Temps de lecture : 5 minutes
mots-clés : urbanisation, politique, histoire, conséquences, avenir, alternatives.

Mise à jour le 09/03/2022

Chers lecteurs,

Ce blog a pour objet le partage de mes connaissances atypiques entre le monde de l’architecture, de l’urbanisme et celui du numérique. Toutefois, de temps à autre, il devient politique au sens platonicien, tel un gardien de la cité. Ce sera le propos de ce jour, sans pour autant laisser tomber les questions de l’aménagement du territoire.

le réseau vicinal ferré en 1925 (Belgique)

Un territoire pas comme les autres

La Belgique est l’un des territoires les plus densément peuplés d’Europe et depuis très longtemps. Une densité trompeuse qui ferait croire à un maillage important des transports et fournissant une alternative systématique à la voiture par les transports en commun. Il n’en est pourtant rien, le décodage :

Initialement, la densification du territoire belge, tant flamand que wallon est lié à sa position géographique : un territoire de guerres successives où, à travers le temps, les guerres ont amené des migrations successives depuis le moyen-âge. Une migration et une démographie justifiées également par les échanges commerciaux entre le nord de l’Europe et le sud ainsi que la fertilité de ses terres. Ainsi, la Belgique s’est vu tisser un réseau de villages dont l’interdistance est de plus ou moins 3, 5 km, soit une heure de marche pour passer du village x à son voisin. Le plan de Ferraris (1715) nous montre également que dès la Renaissance, le territoire s’est mité[1], reliant les villages entre eux.

carte Ferraris (WalOnMap) du territoire urbanisé du nord de la commune de Lobbes, 18e siècle.

L’arrivée de la révolution industrielle fut un moment de basculement essentiel dans l’orientation de notre aménagement du territoire, elle fut politique.

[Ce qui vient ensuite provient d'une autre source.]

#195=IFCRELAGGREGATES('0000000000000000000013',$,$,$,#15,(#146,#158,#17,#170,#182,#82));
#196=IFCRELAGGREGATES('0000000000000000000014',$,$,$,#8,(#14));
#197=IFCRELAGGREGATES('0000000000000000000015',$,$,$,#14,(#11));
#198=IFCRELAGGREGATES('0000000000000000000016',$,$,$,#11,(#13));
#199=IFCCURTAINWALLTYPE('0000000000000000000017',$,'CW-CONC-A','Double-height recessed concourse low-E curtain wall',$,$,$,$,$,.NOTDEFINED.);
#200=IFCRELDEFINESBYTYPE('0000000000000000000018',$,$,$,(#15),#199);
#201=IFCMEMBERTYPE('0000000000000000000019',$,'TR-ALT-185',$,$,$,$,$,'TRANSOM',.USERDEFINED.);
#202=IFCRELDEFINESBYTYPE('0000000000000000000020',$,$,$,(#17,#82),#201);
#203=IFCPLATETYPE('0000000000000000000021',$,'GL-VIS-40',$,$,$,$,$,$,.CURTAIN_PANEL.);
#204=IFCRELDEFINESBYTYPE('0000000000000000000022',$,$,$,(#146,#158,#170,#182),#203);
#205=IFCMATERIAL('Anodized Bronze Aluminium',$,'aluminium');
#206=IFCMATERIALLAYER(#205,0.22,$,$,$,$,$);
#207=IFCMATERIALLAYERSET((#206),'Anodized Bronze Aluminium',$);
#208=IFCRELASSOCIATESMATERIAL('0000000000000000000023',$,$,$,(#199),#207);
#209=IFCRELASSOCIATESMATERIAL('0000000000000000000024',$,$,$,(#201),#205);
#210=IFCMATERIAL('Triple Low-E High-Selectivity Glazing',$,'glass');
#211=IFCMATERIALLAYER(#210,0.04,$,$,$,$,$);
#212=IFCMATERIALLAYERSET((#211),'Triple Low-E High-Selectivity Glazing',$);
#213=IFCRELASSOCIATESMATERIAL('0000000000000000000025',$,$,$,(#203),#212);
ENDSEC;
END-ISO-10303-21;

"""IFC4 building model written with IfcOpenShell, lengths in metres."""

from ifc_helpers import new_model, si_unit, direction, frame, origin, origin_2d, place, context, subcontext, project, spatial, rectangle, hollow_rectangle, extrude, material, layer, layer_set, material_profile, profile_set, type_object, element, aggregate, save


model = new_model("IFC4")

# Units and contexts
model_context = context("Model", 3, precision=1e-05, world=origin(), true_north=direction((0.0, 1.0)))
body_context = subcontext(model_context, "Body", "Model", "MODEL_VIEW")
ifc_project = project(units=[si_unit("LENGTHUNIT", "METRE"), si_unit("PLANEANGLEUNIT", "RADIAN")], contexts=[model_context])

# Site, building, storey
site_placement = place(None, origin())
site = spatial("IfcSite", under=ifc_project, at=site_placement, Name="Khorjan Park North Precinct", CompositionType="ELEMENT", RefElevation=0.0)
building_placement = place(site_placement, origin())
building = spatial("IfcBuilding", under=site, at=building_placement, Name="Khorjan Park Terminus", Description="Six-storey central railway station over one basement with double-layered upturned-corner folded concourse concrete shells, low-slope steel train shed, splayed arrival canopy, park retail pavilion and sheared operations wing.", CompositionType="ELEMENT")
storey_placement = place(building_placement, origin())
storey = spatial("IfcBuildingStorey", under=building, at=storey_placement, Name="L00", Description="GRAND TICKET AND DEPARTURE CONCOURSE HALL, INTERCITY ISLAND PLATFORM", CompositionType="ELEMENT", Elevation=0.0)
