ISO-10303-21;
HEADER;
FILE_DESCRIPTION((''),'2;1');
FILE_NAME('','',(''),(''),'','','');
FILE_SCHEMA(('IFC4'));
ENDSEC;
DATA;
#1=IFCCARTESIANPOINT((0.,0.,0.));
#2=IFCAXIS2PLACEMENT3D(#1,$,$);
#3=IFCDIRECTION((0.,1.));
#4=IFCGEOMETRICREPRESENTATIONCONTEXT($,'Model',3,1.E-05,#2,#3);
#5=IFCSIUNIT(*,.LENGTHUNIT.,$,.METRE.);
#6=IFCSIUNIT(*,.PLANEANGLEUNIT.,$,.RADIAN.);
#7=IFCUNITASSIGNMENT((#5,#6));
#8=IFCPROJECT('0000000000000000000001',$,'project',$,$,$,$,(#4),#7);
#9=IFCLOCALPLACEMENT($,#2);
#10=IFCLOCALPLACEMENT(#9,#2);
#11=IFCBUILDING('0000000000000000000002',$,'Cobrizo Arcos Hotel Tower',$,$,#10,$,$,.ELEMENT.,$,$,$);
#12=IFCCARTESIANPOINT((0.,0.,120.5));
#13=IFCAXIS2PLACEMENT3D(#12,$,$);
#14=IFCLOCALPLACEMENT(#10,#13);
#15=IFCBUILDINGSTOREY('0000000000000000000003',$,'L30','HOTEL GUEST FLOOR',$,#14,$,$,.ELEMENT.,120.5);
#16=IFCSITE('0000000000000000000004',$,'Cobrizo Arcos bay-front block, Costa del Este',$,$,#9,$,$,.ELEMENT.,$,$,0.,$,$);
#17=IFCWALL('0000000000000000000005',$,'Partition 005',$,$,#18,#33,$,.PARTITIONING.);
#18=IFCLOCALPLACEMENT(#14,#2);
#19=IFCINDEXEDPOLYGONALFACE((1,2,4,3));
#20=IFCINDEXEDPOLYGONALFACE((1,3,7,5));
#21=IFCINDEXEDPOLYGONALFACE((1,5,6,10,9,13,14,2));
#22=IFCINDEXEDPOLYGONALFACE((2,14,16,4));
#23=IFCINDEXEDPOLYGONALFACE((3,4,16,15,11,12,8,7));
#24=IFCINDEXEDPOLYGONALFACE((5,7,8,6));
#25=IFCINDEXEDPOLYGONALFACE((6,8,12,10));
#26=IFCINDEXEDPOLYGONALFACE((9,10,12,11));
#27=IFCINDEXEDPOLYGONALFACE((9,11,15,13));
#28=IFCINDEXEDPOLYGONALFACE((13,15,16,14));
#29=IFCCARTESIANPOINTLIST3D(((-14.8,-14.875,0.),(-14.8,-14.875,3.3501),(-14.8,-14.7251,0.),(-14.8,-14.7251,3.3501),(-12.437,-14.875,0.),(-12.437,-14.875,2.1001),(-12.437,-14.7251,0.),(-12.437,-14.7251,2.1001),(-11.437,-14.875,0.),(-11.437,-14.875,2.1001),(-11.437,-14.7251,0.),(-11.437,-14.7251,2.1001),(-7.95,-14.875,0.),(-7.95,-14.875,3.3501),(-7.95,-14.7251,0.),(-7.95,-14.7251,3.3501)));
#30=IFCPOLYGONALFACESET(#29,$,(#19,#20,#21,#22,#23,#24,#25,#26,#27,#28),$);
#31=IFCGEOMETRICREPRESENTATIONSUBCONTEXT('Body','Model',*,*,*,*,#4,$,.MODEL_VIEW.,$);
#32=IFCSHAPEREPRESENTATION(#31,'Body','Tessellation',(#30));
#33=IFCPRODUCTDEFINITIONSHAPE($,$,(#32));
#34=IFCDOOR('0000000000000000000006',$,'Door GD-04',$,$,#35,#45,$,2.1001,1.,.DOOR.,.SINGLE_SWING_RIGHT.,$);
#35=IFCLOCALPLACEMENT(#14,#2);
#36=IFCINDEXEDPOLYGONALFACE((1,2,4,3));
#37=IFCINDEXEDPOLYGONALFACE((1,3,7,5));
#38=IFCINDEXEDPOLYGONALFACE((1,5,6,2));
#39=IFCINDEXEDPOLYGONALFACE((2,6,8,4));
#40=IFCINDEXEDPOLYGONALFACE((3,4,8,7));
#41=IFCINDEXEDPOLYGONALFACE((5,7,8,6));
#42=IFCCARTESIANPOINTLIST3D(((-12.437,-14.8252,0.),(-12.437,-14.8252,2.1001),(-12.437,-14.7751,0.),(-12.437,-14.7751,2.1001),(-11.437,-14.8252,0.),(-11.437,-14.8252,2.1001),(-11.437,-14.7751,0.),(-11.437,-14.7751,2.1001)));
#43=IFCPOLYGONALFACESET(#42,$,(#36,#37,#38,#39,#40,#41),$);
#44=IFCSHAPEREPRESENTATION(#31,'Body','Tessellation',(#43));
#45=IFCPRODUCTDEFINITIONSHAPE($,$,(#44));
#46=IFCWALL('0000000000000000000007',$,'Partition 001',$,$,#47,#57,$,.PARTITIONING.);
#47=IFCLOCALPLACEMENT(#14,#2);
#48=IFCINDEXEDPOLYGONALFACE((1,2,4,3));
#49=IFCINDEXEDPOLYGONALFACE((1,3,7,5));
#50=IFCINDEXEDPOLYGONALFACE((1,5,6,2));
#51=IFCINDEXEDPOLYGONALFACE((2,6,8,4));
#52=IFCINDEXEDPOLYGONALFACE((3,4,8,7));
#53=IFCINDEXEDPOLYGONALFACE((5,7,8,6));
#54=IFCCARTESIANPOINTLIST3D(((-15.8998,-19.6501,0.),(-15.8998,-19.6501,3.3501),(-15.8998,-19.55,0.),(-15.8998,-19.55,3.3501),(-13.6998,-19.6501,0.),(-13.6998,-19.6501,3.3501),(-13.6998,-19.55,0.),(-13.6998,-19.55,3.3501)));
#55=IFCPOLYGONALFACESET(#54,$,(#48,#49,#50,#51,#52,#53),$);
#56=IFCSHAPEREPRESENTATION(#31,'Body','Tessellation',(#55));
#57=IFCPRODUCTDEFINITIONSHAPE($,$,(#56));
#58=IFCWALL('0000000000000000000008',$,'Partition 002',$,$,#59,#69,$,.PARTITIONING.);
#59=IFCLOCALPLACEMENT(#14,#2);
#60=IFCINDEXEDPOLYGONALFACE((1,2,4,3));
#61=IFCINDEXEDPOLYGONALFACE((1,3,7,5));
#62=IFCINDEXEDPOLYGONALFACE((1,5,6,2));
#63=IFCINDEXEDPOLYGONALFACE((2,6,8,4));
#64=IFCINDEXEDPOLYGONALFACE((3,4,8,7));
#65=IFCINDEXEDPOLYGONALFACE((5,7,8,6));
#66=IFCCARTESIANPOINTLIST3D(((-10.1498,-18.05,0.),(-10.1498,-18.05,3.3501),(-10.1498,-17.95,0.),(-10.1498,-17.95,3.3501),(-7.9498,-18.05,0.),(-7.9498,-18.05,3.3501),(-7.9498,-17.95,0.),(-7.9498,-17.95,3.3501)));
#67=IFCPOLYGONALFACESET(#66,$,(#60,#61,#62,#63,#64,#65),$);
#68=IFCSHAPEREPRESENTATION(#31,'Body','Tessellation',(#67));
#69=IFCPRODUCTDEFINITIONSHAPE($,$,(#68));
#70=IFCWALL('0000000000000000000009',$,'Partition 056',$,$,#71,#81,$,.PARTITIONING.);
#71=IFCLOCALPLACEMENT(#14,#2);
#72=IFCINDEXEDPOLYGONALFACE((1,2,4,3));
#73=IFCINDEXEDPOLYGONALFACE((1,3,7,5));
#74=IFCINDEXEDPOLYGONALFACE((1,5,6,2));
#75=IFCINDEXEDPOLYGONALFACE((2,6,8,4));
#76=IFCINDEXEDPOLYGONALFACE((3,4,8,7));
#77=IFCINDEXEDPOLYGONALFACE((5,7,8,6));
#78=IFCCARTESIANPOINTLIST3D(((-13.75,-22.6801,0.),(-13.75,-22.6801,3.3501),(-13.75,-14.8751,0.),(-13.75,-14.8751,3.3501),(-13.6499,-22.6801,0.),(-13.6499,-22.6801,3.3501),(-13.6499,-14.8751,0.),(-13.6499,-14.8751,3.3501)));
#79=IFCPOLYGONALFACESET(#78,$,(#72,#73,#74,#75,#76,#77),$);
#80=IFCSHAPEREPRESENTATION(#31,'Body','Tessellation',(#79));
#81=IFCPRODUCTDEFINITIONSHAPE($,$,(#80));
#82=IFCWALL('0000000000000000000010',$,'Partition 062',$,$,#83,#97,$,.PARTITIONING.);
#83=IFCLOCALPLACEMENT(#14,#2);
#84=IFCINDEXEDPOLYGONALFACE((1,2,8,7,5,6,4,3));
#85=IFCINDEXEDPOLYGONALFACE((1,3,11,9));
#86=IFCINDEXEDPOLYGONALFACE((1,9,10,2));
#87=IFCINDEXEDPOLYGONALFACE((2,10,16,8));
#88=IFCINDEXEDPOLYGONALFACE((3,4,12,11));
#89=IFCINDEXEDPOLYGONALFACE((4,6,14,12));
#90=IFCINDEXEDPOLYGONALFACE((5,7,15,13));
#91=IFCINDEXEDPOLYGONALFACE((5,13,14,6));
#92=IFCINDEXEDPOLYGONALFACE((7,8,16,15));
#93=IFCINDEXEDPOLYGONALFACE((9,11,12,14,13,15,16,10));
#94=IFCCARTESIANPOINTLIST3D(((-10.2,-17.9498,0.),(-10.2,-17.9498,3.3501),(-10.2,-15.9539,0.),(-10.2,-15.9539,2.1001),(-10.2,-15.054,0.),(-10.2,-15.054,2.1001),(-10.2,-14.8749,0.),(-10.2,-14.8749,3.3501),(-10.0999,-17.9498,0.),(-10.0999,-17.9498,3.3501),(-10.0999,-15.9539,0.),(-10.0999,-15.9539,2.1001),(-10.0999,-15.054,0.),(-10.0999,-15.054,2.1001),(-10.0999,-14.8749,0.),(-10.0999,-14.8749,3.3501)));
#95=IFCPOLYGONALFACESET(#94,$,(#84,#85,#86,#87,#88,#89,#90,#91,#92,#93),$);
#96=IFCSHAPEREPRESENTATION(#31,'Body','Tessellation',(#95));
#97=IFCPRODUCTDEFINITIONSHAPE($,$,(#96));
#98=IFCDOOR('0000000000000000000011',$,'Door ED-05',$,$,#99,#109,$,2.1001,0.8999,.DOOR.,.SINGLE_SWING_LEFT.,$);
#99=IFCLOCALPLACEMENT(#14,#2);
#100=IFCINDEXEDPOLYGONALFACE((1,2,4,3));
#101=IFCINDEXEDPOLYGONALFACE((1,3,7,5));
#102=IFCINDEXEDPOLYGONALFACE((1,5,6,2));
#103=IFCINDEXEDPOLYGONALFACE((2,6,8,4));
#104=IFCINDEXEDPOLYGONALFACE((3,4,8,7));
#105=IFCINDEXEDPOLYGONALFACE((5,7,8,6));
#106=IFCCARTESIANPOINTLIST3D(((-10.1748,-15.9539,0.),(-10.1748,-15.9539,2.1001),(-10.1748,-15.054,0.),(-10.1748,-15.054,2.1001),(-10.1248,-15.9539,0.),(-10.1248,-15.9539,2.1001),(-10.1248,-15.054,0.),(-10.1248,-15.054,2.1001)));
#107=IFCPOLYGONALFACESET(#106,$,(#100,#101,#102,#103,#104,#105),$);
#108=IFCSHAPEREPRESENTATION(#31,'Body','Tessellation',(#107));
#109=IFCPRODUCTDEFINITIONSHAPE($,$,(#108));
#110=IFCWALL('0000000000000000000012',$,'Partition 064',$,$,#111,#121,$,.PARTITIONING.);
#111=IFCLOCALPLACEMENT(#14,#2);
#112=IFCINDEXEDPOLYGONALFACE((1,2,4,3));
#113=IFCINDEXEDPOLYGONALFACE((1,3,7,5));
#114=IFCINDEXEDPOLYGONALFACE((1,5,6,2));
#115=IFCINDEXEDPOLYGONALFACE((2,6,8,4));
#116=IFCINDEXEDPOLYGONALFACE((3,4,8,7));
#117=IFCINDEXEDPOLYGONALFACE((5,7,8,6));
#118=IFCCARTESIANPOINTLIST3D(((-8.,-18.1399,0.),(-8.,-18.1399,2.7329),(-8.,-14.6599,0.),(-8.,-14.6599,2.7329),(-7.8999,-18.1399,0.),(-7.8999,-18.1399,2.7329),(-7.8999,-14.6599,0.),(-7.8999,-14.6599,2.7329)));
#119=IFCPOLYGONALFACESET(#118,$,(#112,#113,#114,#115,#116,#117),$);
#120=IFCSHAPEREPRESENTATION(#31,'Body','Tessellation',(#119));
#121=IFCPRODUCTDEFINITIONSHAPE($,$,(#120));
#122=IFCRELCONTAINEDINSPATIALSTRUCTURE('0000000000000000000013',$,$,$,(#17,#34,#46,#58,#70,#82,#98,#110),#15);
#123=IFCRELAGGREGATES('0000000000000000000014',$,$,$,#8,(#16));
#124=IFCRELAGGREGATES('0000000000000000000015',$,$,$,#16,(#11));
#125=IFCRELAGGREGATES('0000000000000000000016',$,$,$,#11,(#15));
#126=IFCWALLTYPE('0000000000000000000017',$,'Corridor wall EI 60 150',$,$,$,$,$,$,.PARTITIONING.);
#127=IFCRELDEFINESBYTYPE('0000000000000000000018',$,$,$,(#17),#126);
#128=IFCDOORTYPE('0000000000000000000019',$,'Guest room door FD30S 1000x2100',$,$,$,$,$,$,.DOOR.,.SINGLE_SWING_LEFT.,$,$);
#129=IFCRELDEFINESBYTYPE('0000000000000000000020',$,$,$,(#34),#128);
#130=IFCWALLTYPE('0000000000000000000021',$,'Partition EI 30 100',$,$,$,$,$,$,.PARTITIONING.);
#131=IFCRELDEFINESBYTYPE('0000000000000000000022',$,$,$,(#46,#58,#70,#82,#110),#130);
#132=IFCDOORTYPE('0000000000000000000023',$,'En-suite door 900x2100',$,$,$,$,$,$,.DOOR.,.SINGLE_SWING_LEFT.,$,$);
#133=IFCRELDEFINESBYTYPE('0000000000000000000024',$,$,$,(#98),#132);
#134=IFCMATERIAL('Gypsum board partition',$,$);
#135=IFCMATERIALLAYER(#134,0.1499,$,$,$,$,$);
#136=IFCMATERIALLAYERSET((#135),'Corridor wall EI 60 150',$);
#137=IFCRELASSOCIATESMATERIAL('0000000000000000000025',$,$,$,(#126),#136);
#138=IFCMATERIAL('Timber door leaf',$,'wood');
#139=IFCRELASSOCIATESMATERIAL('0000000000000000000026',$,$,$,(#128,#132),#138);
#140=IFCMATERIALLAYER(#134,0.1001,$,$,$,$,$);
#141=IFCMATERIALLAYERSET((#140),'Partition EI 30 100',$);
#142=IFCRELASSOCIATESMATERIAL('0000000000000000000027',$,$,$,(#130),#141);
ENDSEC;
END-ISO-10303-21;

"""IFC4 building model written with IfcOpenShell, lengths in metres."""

from ifc_helpers import new_model, si_unit, direction, frame, frame_2d, origin, place, context, subcontext, project, spatial, rectangle, extrude, material, layer, layer_set, type_object, element, fill, save


model = new_model("IFC4")

# Units and contexts
model_context = context("Model", 3, precision=1e-05, world=origin(), true_north=direction((0.0, 1.0)))
body_context = subcontext(model_context, "Body", "Model", "MODEL_VIEW")
ifc_project = project(units=[si_unit("LENGTHUNIT", "METRE"), si_unit("PLANEANGLEUNIT", "RADIAN")], contexts=[model_context])

# Site, building, storey
site_placement = place(None, origin())
site = spatial("IfcSite", under=ifc_project, at=site_placement, Name="Cobrizo Arcos bay-front block, Costa del Este", CompositionType="ELEMENT", RefElevation=0.0)
building_placement = place(site_placement, origin())
building = spatial("IfcBuilding", under=site, at=building_placement, Name="Cobrizo Arcos Hotel Tower", CompositionType="ELEMENT")
storey_placement = place(building_placement, frame((0.0, 0.0, 120.5)))
storey = spatial("IfcBuildingStorey", under=building, at=storey_placement, Name="L30", Description="HOTEL GUEST FLOOR", CompositionType="ELEMENT", Elevation=120.5)

# Wall, opening, door
ifc_material_1 = material(Name="Gypsum board partition")
ifc_layer_1 = layer(ifc_material_1, 0.1499)
ifc_layer_set_1 = layer_set([ifc_layer_1], Name="Corridor wall EI 60 150")
wall_type_1 = type_object("IfcWallType", Name="Corridor wall EI 60 150", PredefinedType="PARTITIONING", material=ifc_layer_set_1)
wall_1_placement = place(storey_placement, frame((-14.8, -14.8, 0.0), z_axis=(0.0, 0.0, 1.0), x_axis=(1.0, 0.0, 0.0)))
wall_1 = element("IfcWall", 1, at=wall_1_placement, inside=storey, type_object=wall_type_1, Name="Partition 005", PredefinedType="PARTITIONING", context=body_context, shape_type="SweptSolid", body=[
    extrude(rectangle(XDim=6.8501, YDim=0.1499, at=frame_2d((3.425, 0.0))), origin(), (0.0, 0.0, 1.0), 3.3501),
])
opening_1_placement = place(wall_1_placement, frame((2.363, 0.0, 0.0)))
opening_1 = element("IfcOpeningElement", 2, at=opening_1_placement, cuts=wall_1, PredefinedType="OPENING", context=body_context, shape_type="SweptSolid", body=[
    extrude(rectangle(XDim=1.0, YDim=2.1001, at=frame_2d((0.5, 1.05))), frame((0.0, 0.0869, 0.0), z_axis=(0.0, -1.0, 0.0), x_axis=(1.0, 0.0, 0.0)), (0.0, 0.0, 1.0), 0.1738),
])
ifc_material_2 = material(Name="Timber door leaf", Category="wood")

Si la Belgique fut le premier territoire continental et pionnier de la révolution industrielle, c’est initialement à cause d’un sous-sol riche en houille et d’un personnel nombreux pour remplir les métiers des industries naissantes. Rappelons-nous que le charbon était gratté au sol depuis des siècles sur des territoires comme la région du centre et que les premiers hauts-fourneaux et puits de mine furent construits à Bois-du-Luc au 17e siècle et à Hourpes (Thuin) au 18e siècle. Deux lieux qui, pour l’époque, étaient en pleine campagne.

L’accélération de l’industrialisation a amené à un tournant au basculement du 19e et du 20esiècle :  quel type d’urbanisation les responsables politiques et industriels désiraient-ils alors que les syndicats pointaient leurs nez ? La Belgique fit un choix original : garder les populations dans leurs villages et développer un réseau de transports en commun exceptionnel.

L’époque a voulu qu’on favorise les transports publics et de marchandises par le chemin de fer, en ce compris, les réseaux vicinaux dont l’apogée commença à décliner après la première Guerre mondiale… comme la position de l’empire économique belge.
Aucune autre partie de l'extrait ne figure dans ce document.